Cookbook
Working recipes for the most common Mantis flows.
Resume an interrupted run
Every Mantis phase persists state on disk. If a run halts mid-flight (Ctrl-C, context limit, system crash), just resume:
# Claude Code
/mantis resume target.com
# OpenCode
@mantis-orchestrator resume target.com
The orchestrator reads state.json, picks up at the last completed phase, and continues. If a hunter wave was in flight when the run stopped, you can force a reconciliation:
/mantis resume target.com force-merge
Run without auth
Skip the AUTH phase entirely. Hunters test unauthenticated only.
/mantis target.com --no-auth
Triage a new target cheaply
You found a new bug-bounty program and want to know if it's worth a full run.
/mantis-fast https://target.com
~$3-10 and ~10 minutes.
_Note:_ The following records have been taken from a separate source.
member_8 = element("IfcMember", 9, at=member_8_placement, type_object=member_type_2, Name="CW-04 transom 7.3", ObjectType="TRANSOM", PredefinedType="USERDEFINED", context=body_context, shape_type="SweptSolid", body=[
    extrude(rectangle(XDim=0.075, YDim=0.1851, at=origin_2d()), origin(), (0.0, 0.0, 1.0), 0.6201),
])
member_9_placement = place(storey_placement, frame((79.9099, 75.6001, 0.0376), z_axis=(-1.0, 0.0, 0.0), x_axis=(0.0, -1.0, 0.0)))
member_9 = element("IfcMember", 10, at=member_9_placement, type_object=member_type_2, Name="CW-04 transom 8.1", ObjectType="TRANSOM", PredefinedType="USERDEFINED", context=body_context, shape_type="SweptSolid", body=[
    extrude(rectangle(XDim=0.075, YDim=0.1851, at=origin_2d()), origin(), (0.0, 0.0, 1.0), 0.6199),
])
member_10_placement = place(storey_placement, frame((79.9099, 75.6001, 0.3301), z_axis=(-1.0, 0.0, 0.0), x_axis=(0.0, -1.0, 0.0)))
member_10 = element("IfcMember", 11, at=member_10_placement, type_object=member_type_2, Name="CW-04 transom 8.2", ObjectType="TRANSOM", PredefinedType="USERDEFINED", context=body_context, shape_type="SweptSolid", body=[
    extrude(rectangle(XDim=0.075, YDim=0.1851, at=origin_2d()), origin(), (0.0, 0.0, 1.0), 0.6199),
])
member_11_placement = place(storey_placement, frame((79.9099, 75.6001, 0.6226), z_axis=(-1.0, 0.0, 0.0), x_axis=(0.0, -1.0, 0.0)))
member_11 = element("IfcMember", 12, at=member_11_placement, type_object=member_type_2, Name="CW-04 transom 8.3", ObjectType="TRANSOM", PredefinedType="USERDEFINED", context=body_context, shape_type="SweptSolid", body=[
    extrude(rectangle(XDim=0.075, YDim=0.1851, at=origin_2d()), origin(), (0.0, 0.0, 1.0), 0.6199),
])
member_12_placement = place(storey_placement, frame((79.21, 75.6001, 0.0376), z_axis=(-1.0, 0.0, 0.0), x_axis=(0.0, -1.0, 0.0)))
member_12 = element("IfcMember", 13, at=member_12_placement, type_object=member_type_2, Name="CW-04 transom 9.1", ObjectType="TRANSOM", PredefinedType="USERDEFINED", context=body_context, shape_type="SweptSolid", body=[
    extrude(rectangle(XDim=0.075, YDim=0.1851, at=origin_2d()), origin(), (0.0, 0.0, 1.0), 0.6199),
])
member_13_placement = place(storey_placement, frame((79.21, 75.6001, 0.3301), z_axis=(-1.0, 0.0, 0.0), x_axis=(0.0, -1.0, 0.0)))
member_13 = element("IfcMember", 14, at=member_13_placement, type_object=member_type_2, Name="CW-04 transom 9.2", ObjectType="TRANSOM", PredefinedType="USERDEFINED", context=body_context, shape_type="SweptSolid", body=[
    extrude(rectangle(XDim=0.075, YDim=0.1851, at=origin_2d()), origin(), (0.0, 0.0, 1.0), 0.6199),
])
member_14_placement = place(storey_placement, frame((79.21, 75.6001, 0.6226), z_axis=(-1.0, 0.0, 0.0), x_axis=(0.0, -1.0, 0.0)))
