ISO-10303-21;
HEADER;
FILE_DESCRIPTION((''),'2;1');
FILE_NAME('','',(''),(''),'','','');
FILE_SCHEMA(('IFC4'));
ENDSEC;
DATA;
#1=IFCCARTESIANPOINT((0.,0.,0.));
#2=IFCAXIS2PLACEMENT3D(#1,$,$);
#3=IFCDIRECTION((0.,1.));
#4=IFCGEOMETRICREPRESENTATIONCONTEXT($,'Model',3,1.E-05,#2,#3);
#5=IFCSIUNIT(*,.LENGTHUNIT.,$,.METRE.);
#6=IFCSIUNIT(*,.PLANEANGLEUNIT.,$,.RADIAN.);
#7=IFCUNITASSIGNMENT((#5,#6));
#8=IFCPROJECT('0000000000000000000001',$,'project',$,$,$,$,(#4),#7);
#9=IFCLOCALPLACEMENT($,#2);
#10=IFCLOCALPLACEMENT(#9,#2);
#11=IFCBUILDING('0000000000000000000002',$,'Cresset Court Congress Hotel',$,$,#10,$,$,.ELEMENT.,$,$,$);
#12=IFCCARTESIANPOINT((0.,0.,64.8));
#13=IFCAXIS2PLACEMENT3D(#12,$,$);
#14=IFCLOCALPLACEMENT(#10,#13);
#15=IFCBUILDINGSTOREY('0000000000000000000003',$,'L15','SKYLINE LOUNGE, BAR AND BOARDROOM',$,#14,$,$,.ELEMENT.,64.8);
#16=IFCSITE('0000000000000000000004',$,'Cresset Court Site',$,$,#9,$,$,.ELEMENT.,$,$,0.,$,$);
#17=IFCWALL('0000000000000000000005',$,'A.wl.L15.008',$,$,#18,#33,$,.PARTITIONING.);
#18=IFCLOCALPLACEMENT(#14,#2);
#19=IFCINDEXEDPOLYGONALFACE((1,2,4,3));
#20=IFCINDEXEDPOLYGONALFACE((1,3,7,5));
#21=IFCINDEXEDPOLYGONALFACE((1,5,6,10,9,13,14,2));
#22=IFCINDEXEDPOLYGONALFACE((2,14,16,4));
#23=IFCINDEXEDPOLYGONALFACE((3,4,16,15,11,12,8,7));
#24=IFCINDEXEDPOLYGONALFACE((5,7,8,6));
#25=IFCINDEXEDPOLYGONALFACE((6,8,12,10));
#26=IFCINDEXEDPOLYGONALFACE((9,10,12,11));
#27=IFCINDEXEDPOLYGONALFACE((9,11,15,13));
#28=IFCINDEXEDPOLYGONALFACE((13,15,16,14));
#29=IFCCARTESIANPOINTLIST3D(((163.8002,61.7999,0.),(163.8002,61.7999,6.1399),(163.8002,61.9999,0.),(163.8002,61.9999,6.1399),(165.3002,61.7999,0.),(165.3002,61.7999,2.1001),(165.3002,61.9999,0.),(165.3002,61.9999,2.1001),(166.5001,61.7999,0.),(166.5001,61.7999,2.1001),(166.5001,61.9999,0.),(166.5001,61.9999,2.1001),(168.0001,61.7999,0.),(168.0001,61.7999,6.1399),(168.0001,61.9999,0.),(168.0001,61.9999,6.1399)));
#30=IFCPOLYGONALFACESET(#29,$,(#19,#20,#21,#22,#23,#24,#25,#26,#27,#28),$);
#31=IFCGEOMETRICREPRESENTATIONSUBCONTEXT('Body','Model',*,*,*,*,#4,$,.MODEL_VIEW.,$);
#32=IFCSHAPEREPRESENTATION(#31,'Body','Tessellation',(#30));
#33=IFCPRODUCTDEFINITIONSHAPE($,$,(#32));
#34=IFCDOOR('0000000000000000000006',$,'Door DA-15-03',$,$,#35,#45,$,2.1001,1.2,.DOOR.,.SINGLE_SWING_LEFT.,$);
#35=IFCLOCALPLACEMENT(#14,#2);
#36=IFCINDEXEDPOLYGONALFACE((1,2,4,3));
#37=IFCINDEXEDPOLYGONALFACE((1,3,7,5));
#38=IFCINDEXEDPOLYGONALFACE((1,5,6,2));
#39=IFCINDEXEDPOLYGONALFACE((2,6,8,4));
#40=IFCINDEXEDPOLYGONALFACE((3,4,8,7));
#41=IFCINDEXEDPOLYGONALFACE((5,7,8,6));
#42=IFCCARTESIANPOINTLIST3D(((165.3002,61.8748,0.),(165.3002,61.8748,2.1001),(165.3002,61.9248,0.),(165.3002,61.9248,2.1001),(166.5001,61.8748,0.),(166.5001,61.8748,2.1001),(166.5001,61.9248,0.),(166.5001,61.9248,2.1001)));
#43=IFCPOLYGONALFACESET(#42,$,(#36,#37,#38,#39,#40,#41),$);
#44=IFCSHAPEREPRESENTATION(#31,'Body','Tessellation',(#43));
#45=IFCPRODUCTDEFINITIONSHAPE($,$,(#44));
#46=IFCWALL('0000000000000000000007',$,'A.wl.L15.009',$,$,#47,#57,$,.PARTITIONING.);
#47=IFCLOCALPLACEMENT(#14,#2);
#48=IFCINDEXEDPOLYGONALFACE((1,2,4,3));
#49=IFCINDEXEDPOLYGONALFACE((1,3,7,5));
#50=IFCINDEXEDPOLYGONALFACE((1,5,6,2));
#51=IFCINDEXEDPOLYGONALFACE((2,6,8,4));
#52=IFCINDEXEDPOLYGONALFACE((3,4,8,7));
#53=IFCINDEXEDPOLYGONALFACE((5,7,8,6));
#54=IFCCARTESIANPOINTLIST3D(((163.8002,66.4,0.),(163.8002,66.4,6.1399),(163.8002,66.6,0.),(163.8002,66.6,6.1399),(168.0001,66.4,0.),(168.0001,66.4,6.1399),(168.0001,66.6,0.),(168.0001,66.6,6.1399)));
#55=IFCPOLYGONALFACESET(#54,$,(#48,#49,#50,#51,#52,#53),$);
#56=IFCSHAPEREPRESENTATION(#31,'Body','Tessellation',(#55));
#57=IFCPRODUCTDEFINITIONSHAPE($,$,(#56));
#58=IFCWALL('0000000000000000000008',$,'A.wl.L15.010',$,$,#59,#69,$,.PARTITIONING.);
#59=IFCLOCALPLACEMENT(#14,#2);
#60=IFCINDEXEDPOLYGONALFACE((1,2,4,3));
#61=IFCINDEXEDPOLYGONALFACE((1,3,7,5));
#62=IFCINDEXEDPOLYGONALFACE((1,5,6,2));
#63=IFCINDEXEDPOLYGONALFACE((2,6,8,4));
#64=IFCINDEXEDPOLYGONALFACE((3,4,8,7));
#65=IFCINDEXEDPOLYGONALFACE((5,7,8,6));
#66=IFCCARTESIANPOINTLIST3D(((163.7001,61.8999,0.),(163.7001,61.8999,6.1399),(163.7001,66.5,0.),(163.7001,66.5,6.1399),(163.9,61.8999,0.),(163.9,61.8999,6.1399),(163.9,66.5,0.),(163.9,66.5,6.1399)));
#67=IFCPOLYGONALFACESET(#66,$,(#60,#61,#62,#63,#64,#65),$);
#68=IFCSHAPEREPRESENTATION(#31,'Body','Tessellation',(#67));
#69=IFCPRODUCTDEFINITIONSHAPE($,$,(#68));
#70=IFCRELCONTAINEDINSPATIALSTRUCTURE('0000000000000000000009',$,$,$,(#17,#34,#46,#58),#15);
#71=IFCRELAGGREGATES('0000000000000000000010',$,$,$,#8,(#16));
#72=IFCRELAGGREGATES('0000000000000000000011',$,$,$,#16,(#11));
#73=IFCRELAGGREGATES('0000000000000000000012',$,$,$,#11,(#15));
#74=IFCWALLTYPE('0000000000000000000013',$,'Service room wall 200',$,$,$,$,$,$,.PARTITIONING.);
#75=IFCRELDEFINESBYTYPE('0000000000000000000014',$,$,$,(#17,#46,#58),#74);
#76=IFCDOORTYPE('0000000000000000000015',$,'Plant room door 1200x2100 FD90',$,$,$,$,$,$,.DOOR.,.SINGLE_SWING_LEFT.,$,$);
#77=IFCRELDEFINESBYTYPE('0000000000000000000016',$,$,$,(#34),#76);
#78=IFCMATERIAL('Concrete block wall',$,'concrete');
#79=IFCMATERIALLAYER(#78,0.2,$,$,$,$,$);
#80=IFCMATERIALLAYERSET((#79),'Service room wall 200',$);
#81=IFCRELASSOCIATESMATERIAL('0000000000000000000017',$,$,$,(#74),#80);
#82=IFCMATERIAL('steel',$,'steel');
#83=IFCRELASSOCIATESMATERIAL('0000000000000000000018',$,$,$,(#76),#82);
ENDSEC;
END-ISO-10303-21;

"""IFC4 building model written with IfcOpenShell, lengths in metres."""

from ifc_helpers import new_model, si_unit, direction, frame, frame_2d, origin, place, context, subcontext, project, spatial, rectangle, extrude, material, layer, layer_set, type_object, element, fill, save


model = new_model("IFC4")

# Units and contexts
model_context = context("Model", 3, precision=1e-05, world=origin(), true_north=direction((0.0, 1.0)))
body_context = subcontext(model_context, "Body", "Model", "MODEL_VIEW")
ifc_project = project(units=[si_unit("LENGTHUNIT", "METRE"), si_unit("PLANEANGLEUNIT", "RADIAN")], contexts=[model_context])

# Site, building, storey
site_placement = place(None, origin())
site = spatial("IfcSite", under=ifc_project, at=site_placement, Name="Cresset Court Site", CompositionType="ELEMENT", RefElevation=0.0)
building_placement = place(site_placement, origin())
building = spatial("IfcBuilding", under=site, at=building_placement, Name="Cresset Court Congress Hotel", CompositionType="ELEMENT")
storey_placement = place(building_placement, frame((0.0, 0.0, 64.8)))
storey = spatial("IfcBuildingStorey", under=building, at=storey_placement, Name="L15", Description="SKYLINE LOUNGE, BAR AND BOARDROOM", CompositionType="ELEMENT", Elevation=64.8)

# Wall, opening, door
ifc_material_1 = material(Name="Concrete block wall", Category="concrete")
ifc_layer_1 = layer(ifc_material_1, 0.2)
ifc_layer_set_1 = layer_set([ifc_layer_1], Name="Service room wall 200")
wall_type_1 = type_object("IfcWallType", Name="Service room wall 200", PredefinedType="PARTITIONING", material=ifc_layer_set_1)
wall_1_placement = place(storey_placement, frame((163.8, 61.8999, 0.0), z_axis=(0.0, 0.0, 1.0), x_axis=(1.0, 0.0, 0.0)))
wall_1 = element("IfcWall", 1, at=wall_1_placement, inside=storey, type_object=wall_type_1, Name="A.wl.L15.008", PredefinedType="PARTITIONING", context=body_context, shape_type="SweptSolid", body=[
    extrude(rectangle(XDim=4.2, YDim=0.2, at=frame_2d((2.1001, 0.0))), origin(), (0.0, 0.0, 1.0), 6.1399),
])
opening_placement = place(wall_1_placement, frame((1.5, 0.0, 0.0)))
opening = element("IfcOpeningElement", 2, at=opening_placement, cuts=wall_1, PredefinedType="OPENING", context=body_context, shape_type="SweptSolid", body=[
    extrude(rectangle(XDim=1.2, YDim=2.1001, at=frame_2d((0.6001, 1.05))), frame((0.0, 0.1099, 0.0), z_axis=(0.0, -1.0, 0.0), x_axis=(1.0, 0.0, 0.0)), (0.0, 0.0, 1.0), 0.22),
])
ifc_material_2 = material(Name="steel", Category="steel")
door_type = type_object("IfcDoorType", Name="Plant room door 1200x2100 FD90", OperationType="SINGLE_SWING_LEFT", PredefinedType="DOOR", material=ifc_material_2)
door_placement = place(opening_placement, origin())
door = element("IfcDoor", 3, at=door_placement, inside=storey, type_object=door_type, Name="Door DA-15-03", OperationType="SINGLE_SWING_LEFT", OverallHeight=2.1001, OverallWidth=1.2, PredefinedType="DOOR", context=body_context, shape_type="SweptSolid", body=[
    extrude(rectangle(XDim=1.2, YDim=2.1001, at=frame_2d((0.6001, 1.05))), frame((0.0, 0.0249, 0.0), z_axis=(0.0, -1.0, 0.0), x_axis=(1.0, 0.0, 0.0)), (0.0, 0.0, 1.0), 0.05),
])
fill(opening, door)

# Walls
wall_2_placement = place(storey_placement, frame((163.8, 66.5, 0.0), z_axis=(0.0, 0.0, 1.0), x_axis=(1.0, 0.0, 0.0)))
element("IfcWall", 4, at=wall_2_placement, inside=storey, type_object=wall_type_1, Name="A.wl.L15.009", PredefinedType="PARTITIONING", context=body_context, shape_type="SweptSolid", body=[
    extrude(rectangle(XDim=4.2, YDim=0.2, at=frame_2d((2.1001, 0.0))), origin(), (0.0, 0.0, 1.0), 6.1399),
])
wall_3_placement = place(storey_placement, frame((163.8, 61.8999, 0.0), z_axis=(0.0, 0.0, 1.0), x_axis=(0.0, 1.0, 0.0)))
element("IfcWall", 5, at=wall_3_placement, inside=storey, type_object=wall_type_1, Name="A.wl.L15.010", PredefinedType="PARTITIONING", context=body_context, shape_type="SweptSolid", body=[
    extrude(rectangle(XDim=4.6001, YDim=0.2, at=frame_2d((2.3, 0.0))), origin(), (0.0, 0.0, 1.0), 6.1399),
])

save(model, "model.ifc")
If fast finds something, escalate to standard or ultra.
Long-mission rare-bug hunt
Some bugs only show up after hours of exploration. Loop mode runs the full FSM, then EXPLORE, then full FSM again, until a findings or time budget is hit.
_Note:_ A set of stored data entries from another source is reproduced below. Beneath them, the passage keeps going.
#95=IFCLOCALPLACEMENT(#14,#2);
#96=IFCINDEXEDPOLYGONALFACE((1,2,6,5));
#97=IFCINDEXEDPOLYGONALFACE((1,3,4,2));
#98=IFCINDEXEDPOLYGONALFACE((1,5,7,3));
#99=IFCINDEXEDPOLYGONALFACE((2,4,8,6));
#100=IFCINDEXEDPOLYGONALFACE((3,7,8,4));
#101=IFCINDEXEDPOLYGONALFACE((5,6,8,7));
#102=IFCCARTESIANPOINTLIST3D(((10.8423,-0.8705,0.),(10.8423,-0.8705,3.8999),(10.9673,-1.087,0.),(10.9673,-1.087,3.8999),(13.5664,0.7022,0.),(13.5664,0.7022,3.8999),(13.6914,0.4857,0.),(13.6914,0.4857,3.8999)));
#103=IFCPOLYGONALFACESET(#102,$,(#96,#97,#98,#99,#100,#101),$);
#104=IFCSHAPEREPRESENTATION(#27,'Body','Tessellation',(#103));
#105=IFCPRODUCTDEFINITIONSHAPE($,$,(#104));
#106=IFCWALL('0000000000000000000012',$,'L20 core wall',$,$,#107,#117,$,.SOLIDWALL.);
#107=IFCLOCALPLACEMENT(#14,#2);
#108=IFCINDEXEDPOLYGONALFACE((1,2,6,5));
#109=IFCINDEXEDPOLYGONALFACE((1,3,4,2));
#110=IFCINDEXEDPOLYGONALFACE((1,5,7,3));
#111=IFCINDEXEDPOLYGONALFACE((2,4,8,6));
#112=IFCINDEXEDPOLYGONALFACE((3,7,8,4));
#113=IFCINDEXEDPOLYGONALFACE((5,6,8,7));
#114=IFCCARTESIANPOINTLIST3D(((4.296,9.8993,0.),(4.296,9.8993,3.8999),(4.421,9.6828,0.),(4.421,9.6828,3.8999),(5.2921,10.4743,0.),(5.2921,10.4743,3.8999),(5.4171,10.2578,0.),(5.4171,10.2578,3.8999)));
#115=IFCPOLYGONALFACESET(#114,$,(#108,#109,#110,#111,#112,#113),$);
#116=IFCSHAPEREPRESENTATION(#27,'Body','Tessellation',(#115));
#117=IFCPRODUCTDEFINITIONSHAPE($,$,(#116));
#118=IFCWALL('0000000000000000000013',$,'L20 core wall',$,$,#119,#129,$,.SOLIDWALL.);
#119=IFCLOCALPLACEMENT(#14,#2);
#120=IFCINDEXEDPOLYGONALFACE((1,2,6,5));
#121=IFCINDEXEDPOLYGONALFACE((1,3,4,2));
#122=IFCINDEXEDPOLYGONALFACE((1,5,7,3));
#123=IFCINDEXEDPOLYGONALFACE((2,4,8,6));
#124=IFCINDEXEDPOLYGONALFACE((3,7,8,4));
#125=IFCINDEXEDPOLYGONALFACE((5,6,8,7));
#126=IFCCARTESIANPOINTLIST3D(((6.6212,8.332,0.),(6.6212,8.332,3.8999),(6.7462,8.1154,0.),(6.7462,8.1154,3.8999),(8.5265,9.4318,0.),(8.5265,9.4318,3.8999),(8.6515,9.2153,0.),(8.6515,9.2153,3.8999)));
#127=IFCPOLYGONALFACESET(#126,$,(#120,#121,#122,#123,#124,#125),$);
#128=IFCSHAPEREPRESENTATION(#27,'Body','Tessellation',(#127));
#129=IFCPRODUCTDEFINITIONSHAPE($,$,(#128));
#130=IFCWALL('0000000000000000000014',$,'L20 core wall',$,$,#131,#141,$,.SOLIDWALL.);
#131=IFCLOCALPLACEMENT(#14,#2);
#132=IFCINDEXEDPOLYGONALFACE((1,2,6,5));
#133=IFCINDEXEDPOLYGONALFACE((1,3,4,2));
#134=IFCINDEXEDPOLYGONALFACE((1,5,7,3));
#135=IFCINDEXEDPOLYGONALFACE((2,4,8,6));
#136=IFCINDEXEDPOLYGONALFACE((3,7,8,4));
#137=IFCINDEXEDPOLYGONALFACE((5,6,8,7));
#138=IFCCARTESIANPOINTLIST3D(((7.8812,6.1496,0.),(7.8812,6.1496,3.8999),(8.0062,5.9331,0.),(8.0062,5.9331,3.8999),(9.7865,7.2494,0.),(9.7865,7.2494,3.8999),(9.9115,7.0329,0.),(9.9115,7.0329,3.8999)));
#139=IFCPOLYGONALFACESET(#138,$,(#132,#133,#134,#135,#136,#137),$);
/mantis-loop https://target.com --findings 3 --budget-min 240
Concurrent multi-target hunts
Each Mantis run owns one session directory and one MCP server process. To hunt two targets at once, use the worktree helper:
./scripts/mantis-worktree.sh target1.com # creates ~/mantis-worktrees/target1.com on its own branch
./scripts/mantis-worktree.sh target2.com # second worktree, independent server, independent state
# Open Claude Code or OpenCode in each worktree separately
cd ~/mantis-worktrees/target1.com && claude
# in another terminal:
cd ~/mantis-worktrees/target2.com && claude
Grading came back HOLD: now what
HOLD means the grader saw enough proof to be intriguing but not enough to SUBMIT. grade.json.feedback tells you what's missing. The orchestrator automatically re-runs HUNT with the grader's feedback injected, then re-runs CHAIN + VERIFY before re-grading. Max two HOLD loops; after that it escalates to you.
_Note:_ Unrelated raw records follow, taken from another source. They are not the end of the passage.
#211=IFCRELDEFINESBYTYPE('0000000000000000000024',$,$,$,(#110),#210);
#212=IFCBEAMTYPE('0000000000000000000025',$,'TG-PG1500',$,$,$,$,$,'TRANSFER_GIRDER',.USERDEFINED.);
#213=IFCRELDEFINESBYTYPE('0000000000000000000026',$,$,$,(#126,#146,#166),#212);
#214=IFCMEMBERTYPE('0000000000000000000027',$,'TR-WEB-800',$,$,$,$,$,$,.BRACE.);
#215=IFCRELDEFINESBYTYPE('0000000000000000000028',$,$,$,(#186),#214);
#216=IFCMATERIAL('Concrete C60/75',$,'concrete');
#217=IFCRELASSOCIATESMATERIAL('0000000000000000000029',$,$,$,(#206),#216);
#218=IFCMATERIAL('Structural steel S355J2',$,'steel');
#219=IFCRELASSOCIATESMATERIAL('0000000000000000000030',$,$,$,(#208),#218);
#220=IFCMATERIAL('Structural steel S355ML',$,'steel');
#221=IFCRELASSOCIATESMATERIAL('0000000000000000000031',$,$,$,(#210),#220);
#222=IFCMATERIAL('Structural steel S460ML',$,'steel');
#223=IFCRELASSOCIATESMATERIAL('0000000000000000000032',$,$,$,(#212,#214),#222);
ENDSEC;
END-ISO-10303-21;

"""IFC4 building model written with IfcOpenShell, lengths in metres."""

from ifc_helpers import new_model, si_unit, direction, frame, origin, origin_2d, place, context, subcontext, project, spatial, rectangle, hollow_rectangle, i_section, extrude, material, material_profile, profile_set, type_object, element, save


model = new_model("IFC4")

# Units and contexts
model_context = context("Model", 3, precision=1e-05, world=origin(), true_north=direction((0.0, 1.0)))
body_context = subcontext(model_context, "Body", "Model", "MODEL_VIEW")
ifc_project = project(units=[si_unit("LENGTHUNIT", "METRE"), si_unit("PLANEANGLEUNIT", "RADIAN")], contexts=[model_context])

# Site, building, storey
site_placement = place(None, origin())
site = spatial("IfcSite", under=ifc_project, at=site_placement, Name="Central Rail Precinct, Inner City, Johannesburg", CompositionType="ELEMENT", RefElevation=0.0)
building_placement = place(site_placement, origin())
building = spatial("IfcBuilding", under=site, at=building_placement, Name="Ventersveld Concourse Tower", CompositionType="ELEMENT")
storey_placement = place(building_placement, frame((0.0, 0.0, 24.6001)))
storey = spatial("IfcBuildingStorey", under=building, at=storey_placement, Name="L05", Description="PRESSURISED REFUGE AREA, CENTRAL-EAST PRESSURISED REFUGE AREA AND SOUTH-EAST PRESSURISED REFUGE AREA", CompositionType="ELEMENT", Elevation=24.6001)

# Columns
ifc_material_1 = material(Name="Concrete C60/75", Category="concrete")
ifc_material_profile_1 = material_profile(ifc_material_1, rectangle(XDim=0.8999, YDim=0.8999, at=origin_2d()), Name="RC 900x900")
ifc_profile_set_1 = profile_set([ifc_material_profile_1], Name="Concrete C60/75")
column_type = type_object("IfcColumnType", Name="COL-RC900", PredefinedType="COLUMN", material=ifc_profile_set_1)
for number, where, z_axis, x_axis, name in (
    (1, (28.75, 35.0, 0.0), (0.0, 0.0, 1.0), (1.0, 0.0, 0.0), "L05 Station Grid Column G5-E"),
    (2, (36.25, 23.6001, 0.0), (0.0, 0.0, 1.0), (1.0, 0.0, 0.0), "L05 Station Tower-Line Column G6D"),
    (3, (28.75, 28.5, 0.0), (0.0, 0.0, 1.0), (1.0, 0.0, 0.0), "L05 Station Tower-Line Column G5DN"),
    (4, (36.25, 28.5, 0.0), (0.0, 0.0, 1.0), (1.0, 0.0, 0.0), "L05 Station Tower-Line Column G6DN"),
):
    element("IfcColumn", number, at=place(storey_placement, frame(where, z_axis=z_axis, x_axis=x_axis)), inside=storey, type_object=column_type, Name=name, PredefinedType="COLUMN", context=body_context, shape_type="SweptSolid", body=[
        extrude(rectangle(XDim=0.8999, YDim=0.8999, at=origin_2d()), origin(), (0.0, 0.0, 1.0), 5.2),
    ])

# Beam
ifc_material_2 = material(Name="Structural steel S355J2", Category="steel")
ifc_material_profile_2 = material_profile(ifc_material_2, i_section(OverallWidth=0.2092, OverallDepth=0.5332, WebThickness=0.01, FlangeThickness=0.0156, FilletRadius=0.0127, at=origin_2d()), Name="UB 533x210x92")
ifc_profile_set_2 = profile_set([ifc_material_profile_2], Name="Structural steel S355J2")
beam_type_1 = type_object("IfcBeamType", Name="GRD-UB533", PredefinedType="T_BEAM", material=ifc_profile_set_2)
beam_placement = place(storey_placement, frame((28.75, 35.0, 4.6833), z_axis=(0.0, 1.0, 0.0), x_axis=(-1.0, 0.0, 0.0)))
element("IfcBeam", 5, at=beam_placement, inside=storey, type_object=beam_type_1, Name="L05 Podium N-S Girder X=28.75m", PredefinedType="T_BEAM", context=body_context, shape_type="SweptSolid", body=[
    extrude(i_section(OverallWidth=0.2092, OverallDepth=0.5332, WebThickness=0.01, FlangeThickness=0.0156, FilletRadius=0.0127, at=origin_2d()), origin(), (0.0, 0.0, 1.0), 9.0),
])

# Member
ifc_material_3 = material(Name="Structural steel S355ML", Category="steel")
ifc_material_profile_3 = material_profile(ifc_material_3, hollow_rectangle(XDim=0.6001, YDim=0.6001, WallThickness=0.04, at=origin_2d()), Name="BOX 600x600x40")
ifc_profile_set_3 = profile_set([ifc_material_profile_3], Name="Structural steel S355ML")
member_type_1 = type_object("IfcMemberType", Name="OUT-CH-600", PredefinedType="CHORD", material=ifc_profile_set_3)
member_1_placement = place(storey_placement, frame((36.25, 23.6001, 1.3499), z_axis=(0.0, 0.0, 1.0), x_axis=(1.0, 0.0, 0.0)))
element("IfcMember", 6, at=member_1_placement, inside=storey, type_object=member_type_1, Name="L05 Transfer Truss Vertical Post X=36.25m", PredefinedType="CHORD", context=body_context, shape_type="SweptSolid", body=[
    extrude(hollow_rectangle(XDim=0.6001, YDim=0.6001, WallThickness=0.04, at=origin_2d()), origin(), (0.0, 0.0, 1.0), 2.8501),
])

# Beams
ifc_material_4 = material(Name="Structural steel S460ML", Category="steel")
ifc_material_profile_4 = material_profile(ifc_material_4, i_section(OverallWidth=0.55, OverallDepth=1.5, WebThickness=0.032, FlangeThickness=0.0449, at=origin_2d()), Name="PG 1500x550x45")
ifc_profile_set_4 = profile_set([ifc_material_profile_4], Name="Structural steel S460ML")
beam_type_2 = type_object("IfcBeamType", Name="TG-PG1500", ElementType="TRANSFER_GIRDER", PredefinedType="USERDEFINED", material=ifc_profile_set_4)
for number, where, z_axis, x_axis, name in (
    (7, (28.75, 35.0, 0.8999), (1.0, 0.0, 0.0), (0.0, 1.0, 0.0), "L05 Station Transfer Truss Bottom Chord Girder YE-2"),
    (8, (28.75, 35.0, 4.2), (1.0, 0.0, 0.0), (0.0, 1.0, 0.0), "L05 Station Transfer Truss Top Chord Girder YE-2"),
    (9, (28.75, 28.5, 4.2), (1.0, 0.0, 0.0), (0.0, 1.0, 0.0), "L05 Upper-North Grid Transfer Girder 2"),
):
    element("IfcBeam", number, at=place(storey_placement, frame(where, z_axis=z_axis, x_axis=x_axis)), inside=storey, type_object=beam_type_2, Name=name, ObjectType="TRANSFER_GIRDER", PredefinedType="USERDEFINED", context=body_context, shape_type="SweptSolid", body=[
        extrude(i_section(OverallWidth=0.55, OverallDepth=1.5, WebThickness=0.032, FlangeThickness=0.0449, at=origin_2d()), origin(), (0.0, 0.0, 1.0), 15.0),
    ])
Use GPT-5 for hunters, Opus for verifiers
Mixed-provider runs concentrate top-tier tokens on the highest-leverage roles.
// opencode.json
{
"model": "openai/gpt-5",
"agent": {
"hunter-agent": { "model": "openai/gpt-5" },
"chain-builder": { "model": "anthropic/claude-opus-4-5" },
"brutalist-verifier": { "model": "anthropic/claude-opus-4-5" },
"balanced-verifier": { "model": "anthropic/claude-opus-4-5" },
"final-verifier": { "model": "anthropic/claude-opus-4-5" },
"grader": { "model": "openai/gpt-5-mini" },
"report-writer": { "model": "openai/gpt-5-mini" },
"triage-agent": { "model": "openai/gpt-5-nano" }
}
}
Run entirely on local Ollama
If you want zero data leaving your machine (slower, lower quality):
// opencode.json
{
"model": "ollama/llama3.3:70b",
"provider": {
"ollama": { "options": { "baseURL": "http://localhost:11434" } }
}
}
Llama 3.3 70B passes our smoke tests on the hunter and recon roles. For the verifiers and chain-builder, you'll see meaningfully worse evidence quality vs. a frontier model.
Use Mantis as an investigation tool in VS Code (Cline)
You found a specific suspicious endpoint and want a structured investigation. Don't need full FSM:
- Install Mantis with
--harness=opencode(which also drops.claude/agents/). - In Cline, register the Mantis MCP server (see adapters/cline.md).
- Paste the body of
.claude/agents/hunter-agent.mdinto the Cline chat as a system prompt. - Tell Cline the surface and target. It will use the typed MCP tools to record findings, but you drive the conversation.
Auto-disclose with a suggested patch
When you find something and want to do the right thing:
/mantis-fullsend target.com
Standard run + a patch-writer phase that generates a suggested code-level diff + a disclosure-sender phase that finds the security contact (security.txt / disclosure URL / well-known emails) and drafts an email through Gmail MCP. Hard-gated: never sends without your final review.